Owners of an SHS save about Tk 400 to Tk 500 per month on kerosene at the current price of Tk 40 per litre which, in many cases, covers their loan repayment. Kerosene costs have risen by 60% in the past year, and are continuing to increase due to rising world oil prices and higher transport costs. They will increase further when the government reduces its subsidy of kerosene. Therefore the economic benefit of owning an SHS will also continue to increase.
SHS have significant income-generating potential. Many women have used the increased working time provided by the SHS to start small-scale businesses such as poultry and handicrafts.
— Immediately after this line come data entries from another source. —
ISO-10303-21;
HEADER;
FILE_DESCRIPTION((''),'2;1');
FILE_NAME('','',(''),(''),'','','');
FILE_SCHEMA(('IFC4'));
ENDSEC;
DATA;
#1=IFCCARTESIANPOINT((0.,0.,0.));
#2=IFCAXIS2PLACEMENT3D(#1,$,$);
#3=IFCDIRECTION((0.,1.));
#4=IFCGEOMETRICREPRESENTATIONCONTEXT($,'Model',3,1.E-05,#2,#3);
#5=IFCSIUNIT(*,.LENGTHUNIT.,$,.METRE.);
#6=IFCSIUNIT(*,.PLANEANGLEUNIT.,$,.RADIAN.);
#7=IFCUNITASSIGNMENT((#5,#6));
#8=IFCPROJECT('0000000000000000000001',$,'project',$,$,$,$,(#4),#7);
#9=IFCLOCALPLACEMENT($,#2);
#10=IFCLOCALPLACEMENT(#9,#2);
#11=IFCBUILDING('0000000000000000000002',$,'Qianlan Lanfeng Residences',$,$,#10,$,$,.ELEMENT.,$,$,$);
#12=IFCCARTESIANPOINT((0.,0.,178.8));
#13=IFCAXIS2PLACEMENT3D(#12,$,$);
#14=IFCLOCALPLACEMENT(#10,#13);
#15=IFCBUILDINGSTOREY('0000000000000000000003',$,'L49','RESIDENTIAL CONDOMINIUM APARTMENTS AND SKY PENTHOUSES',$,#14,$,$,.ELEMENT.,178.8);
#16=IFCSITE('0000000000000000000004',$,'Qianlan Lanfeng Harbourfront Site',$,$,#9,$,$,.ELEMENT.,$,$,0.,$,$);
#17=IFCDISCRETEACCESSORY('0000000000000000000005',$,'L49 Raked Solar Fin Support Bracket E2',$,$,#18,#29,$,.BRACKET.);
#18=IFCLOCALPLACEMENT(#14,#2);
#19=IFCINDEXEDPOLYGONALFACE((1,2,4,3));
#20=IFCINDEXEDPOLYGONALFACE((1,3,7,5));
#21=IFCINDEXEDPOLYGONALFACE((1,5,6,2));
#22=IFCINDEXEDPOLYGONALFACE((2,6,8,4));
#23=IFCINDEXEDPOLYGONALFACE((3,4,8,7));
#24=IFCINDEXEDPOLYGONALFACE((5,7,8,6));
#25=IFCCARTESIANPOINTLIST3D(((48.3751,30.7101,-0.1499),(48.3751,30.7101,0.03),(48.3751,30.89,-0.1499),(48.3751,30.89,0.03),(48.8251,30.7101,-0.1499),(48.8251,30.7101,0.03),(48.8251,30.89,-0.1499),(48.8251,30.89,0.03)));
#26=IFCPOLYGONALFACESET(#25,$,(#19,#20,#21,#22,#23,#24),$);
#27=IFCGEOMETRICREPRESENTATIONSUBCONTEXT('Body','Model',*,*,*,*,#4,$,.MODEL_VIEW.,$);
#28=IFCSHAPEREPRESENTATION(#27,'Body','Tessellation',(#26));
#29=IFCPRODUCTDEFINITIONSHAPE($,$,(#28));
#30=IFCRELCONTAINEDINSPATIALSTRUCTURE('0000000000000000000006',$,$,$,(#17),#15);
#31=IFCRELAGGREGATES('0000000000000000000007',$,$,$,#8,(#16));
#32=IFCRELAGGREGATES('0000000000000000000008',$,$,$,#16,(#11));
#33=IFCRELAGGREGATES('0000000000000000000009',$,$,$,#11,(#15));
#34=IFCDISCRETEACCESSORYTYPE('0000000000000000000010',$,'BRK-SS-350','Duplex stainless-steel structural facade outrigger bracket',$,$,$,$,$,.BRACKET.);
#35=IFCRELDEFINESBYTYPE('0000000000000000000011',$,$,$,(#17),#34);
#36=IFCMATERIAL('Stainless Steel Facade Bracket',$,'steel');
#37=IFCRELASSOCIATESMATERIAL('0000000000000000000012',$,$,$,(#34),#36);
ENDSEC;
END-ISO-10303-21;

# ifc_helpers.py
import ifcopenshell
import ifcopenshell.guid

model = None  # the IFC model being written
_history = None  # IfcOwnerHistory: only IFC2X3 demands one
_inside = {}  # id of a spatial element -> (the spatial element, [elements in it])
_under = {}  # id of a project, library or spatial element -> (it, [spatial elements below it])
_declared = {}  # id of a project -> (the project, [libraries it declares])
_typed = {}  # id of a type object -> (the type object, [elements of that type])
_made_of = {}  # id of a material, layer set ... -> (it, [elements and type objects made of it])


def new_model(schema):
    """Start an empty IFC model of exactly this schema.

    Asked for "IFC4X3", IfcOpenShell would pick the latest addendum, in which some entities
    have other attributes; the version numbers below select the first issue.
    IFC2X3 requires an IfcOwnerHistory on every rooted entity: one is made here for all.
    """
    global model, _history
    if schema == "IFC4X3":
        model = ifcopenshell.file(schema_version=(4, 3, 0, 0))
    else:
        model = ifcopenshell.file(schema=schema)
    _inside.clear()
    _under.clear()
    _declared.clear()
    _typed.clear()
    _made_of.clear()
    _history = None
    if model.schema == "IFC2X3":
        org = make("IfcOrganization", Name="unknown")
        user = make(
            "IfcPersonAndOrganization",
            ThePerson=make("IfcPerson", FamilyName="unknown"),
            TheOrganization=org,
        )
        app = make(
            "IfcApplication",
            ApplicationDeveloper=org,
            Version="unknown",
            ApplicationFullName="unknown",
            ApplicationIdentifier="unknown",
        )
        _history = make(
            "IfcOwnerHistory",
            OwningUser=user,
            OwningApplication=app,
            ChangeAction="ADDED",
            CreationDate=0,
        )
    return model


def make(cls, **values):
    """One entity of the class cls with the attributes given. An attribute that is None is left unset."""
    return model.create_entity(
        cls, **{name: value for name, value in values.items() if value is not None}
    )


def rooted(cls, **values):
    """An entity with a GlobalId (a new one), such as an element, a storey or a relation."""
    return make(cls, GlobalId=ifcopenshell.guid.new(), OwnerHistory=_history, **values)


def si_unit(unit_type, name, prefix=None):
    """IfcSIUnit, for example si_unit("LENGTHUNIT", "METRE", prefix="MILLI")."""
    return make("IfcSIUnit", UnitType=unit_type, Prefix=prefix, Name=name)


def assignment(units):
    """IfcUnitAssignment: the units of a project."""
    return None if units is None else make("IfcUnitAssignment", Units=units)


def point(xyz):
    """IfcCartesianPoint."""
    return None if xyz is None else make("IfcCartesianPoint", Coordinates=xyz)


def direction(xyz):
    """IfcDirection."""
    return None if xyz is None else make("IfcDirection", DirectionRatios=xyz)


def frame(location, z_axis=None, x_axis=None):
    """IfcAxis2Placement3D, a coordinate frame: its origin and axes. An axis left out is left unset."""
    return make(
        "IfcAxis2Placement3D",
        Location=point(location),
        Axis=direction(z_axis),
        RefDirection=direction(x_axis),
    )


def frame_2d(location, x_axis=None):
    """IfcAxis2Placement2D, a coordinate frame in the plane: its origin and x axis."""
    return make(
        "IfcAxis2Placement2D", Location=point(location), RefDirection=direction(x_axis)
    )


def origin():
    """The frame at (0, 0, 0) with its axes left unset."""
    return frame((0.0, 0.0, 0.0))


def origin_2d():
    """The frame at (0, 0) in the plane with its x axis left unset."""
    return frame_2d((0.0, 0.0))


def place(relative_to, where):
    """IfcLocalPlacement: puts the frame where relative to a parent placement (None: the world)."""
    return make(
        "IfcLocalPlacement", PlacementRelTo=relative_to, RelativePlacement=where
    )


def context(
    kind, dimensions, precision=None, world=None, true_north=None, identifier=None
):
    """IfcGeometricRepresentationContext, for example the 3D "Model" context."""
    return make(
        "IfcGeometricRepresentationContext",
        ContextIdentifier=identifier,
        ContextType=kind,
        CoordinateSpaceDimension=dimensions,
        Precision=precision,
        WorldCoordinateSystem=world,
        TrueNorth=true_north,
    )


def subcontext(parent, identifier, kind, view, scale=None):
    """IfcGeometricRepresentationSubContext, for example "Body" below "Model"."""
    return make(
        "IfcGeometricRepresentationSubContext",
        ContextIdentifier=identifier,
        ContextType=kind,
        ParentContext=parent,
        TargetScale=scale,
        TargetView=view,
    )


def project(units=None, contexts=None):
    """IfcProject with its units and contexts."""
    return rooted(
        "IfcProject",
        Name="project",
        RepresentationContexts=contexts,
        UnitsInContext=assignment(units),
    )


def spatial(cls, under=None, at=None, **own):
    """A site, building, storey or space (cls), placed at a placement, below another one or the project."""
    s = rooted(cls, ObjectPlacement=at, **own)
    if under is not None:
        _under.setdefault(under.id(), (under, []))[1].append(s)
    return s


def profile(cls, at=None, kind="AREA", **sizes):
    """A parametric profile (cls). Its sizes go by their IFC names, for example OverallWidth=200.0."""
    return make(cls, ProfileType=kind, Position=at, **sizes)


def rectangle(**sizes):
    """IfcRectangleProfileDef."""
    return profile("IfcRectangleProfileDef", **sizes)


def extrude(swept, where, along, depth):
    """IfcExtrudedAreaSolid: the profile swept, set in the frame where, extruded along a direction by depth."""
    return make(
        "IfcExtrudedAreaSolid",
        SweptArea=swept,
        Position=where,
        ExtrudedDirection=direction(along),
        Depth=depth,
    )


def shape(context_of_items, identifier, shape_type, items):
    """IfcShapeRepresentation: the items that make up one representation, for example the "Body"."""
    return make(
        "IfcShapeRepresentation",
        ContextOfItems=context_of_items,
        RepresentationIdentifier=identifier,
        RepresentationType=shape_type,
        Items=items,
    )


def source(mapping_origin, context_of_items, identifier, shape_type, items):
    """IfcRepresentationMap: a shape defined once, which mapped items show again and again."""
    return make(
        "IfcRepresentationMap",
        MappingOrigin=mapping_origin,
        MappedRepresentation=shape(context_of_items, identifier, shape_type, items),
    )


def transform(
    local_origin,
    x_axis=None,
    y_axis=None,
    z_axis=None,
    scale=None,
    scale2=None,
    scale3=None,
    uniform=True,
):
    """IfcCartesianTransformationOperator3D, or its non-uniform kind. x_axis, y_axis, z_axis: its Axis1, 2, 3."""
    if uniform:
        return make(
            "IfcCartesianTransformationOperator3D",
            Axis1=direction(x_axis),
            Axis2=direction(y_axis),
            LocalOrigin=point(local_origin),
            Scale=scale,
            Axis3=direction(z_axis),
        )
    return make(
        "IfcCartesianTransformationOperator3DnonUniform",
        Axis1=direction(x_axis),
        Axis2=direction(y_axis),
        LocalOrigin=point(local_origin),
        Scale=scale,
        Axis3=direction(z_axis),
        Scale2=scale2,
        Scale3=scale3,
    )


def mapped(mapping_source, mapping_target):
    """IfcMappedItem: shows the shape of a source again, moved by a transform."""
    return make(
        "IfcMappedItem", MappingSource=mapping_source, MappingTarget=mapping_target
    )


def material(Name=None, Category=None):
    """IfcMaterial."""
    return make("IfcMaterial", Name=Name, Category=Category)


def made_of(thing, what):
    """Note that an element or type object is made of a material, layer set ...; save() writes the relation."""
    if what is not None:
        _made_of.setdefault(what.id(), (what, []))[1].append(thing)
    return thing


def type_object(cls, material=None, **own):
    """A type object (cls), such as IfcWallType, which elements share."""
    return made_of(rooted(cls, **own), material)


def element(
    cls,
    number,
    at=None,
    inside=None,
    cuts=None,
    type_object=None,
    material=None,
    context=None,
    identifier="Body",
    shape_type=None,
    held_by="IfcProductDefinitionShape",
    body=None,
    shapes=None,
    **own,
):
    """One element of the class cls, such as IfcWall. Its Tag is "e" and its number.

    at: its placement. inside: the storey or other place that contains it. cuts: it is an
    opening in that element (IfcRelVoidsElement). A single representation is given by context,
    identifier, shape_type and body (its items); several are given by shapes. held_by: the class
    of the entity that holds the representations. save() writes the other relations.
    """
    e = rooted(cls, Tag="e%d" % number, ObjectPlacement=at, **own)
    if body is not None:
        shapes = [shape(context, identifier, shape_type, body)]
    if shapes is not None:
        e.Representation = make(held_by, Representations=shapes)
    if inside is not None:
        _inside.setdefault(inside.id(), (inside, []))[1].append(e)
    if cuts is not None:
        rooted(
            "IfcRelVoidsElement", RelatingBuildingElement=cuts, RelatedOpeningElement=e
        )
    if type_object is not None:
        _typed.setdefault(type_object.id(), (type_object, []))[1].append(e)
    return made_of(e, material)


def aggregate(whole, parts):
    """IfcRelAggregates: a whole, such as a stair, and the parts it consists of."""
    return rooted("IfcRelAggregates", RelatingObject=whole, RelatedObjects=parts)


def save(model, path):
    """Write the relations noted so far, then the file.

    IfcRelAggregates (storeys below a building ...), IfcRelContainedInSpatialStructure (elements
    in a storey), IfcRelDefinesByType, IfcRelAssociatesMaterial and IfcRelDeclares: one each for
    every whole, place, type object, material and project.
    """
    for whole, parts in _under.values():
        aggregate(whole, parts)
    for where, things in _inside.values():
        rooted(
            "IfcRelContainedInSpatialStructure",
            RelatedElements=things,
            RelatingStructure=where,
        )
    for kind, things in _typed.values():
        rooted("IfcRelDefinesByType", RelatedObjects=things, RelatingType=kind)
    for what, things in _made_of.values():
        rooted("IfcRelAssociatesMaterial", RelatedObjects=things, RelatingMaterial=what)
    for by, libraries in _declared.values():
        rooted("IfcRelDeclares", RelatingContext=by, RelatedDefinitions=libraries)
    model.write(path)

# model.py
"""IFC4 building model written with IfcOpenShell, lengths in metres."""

from ifc_helpers import new_model, si_unit, direction, frame, origin, origin_2d, place, context, subcontext, project, spatial, rectangle, extrude, source, transform, mapped, material, type_object, element, save


model = new_model("IFC4")

# Units and contexts
model_context = context("Model", 3, precision=1e-05, world=origin(), true_north=direction((0.0, 1.0)))
body_context = subcontext(model_context, "Body", "Model", "MODEL_VIEW")
ifc_project = project(units=[si_unit("LENGTHUNIT", "METRE"), si_unit("PLANEANGLEUNIT", "RADIAN")], contexts=[model_context])

# Site, building, storey
site_placement = place(None, origin())
site = spatial("IfcSite", under=ifc_project, at=site_placement, Name="Qianlan Lanfeng Harbourfront Site", CompositionType="ELEMENT", RefElevation=0.0)
building_placement = place(site_placement, origin())
building = spatial("IfcBuilding", under=site, at=building_placement, Name="Qianlan Lanfeng Residences", CompositionType="ELEMENT")
storey_placement = place(building_placement, frame((0.0, 0.0, 178.8)))
storey = spatial("IfcBuildingStorey", under=building, at=storey_placement, Name="L49", Description="RESIDENTIAL CONDOMINIUM APARTMENTS AND SKY PENTHOUSES", CompositionType="ELEMENT", Elevation=178.8)

# Discrete accessory
ifc_material_1 = material(Name="Stainless Steel Facade Bracket", Category="steel")
discrete_accessory_type = type_object("IfcDiscreteAccessoryType", Name="BRK-SS-350", Description="Duplex stainless-steel structural facade outrigger bracket", PredefinedType="BRACKET", material=ifc_material_1)
shared_shape_1 = source(origin(), body_context, "Body", "SweptSolid", [
    extrude(rectangle(XDim=0.45, YDim=0.1799, at=origin_2d()), origin(), (0.0, 0.0, 1.0), 0.1799),
])
discrete_accessory_placement = place(storey_placement, frame((48.6001, 30.8, -0.1499), z_axis=(0.0, 0.0, 1.0), x_axis=(1.0, 0.0, 0.0)))
element("IfcDiscreteAccessory", 1, at=discrete_accessory_placement, inside=storey, type_object=discrete_accessory_type, Name="L49 Raked Solar Fin Support Bracket E2", PredefinedType="BRACKET", context=body_context, shape_type="MappedRepresentation", body=[
    mapped(shared_shape_1, transform((0.0, 0.0, 0.0), scale=1.0)),
])

save(model, "model.ifc")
Businesses can remain open for longer, including tailoring shops, restaurants and grocery shops. New business opportunities and jobs have been created, such as solar technicians, electronic repairers, and running community TV stations and renting mobile phone time.
Rahimafrooz now employs around 100 people on solar system components. About 20 of these are former street children, who received basic training in electronics from a UNICEF programme. The Rahimafrooz solar field staff has increased from 3 to 17 as a result of the REREDP. The PO clients of Rahimafrooz have employed an estimated 700 engineers and technicians to install and maintain solar PV systems. Around 50 people are also employed by Innovative Technologies in Bangladesh to manufacture the charge controllers and FTL developed by Rahimafrooz.